The last-minute settlement between Fox News and Dominion Voting Systems, just hours after a jury was selected on Tuesday in a high-stakes defamation trial, caught many courthouse observers off guard. Both sides had appeared dug in and claimed they would be willing to continue their fight for years.
“Most libel suits against the media settle before trial,” Jane Kirtley, a former executive director of the Reporters Committee for Freedom of the Press, said, noting that the incentives to settle can be strong on both sides.
Although defamation plaintiffs have persuaded some juries to award significant payouts, the money can often go unpaid for years, if ever, because of a sclerotic appeals process. Defendants like news organizations may prefer to avoid an invasive disclosure of evidence, such as internal correspondence and messages, not all of it flattering.

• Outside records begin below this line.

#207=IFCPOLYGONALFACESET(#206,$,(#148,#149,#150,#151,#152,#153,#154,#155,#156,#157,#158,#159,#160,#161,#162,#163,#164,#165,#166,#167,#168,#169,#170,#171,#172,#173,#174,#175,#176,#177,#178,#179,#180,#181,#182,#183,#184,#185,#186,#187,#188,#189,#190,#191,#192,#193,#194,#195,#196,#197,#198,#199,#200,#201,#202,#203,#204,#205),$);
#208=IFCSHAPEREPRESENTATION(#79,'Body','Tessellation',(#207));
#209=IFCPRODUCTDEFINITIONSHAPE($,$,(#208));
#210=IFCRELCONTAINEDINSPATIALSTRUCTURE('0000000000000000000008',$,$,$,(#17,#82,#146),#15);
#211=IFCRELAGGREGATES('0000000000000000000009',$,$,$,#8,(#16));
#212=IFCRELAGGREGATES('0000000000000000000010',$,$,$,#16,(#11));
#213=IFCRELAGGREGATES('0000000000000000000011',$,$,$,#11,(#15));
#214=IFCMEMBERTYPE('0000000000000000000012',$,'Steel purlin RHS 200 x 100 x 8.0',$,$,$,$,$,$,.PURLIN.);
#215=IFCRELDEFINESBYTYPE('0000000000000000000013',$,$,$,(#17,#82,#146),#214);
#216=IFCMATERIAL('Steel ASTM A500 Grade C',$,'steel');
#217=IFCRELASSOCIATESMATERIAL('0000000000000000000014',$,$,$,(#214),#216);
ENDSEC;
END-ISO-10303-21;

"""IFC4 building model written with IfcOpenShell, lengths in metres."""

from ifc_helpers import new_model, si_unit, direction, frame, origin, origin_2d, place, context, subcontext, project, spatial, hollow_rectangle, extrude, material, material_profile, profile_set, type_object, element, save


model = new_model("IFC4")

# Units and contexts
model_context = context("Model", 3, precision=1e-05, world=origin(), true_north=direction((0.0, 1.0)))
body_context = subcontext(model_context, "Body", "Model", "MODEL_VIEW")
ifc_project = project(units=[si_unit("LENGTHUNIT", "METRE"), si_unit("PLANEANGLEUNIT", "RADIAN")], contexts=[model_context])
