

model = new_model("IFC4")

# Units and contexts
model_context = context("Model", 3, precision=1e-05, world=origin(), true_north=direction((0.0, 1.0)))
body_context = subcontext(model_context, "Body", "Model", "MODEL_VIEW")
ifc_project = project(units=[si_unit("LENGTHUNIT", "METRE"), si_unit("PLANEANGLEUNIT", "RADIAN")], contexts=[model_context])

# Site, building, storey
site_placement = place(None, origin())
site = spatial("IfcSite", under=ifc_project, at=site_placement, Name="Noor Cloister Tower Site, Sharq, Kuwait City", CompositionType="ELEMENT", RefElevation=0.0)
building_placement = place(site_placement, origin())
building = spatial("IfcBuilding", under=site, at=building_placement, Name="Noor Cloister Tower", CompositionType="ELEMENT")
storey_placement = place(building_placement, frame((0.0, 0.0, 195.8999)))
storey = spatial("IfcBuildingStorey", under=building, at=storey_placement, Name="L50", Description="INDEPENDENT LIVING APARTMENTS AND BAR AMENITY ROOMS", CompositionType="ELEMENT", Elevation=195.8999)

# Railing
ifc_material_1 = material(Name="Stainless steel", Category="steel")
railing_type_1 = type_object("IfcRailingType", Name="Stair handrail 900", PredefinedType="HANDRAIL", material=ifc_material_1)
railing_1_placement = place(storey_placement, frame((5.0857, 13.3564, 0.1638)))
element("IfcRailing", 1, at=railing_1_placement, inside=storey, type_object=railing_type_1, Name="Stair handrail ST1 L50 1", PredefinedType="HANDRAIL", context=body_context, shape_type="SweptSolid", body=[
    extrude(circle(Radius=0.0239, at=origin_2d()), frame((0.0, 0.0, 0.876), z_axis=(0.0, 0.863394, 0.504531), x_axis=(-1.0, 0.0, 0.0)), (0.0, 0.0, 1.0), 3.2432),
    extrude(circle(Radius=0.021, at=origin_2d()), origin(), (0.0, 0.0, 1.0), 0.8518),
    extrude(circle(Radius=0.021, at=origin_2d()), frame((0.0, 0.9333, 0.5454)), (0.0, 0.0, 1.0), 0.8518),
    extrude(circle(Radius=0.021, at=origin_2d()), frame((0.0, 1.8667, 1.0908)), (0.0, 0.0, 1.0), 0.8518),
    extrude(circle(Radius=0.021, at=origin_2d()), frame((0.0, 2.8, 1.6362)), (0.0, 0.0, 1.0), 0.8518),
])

Rupert Murdoch, who controls Fox News, is no stranger to settling cases, or taking other extreme steps, to avoid extended and potentially embarrassing litigation. He closed his popular tabloid News of the World in 2011, after accusations that its journalists had hacked the phones and voice messages of prominent public figures. At least six agreements had been made by Fox News or its former star anchor Bill O’Reilly to settle harassment allegations against Mr. O’Reilly, before he was fired in 2017.
For weeks, Fox News dealt with rough headlines about revelations in the case, including details about its star anchor Tucker Carlson privately deriding former President Donald J. Trump to his colleagues even as the host praised Mr. Trump on the air.
The network had been girding for a weekslong trial during which top anchors and executives would testify about why the network aired falsehoods about Dominion, an election technology firm that Mr. Trump baselessly accused of rigging the 2020 election against him.
One star witness was set to be Rupert Murdoch, the 92-year-old head of the Fox Corporation.
“Many litigations settle right before the deposition of the C.E.O.,” George Freeman, the executive director of the Media Law Resource Center, and a former lawyer for The New York Times, wrote in an email.
“He gets cold feet, fears doing badly and being seen as not knowing everything about the business, and also doesn’t want to spend days with lawyers in prep and at the deposition table,” Mr. Freeman said. He added that while Mr. Murdoch had submitted to a deposition, “now we’re on the eve of his testifying in open court.”
Just before Tuesday’s settlement, Martin Garbus, a veteran First Amendment lawyer who has been involved in dozens of libel suits, said that he was taken aback that the case had even gotten so close to trial. “I am astonished it had not settled,” Mr. Garbus wrote in an email.
After the announcement in the courthouse, Mr. Garbus said he could see how the outcome made sense: “With the settlement, everybody wins. Fox goes its way. Dominion gets cash.”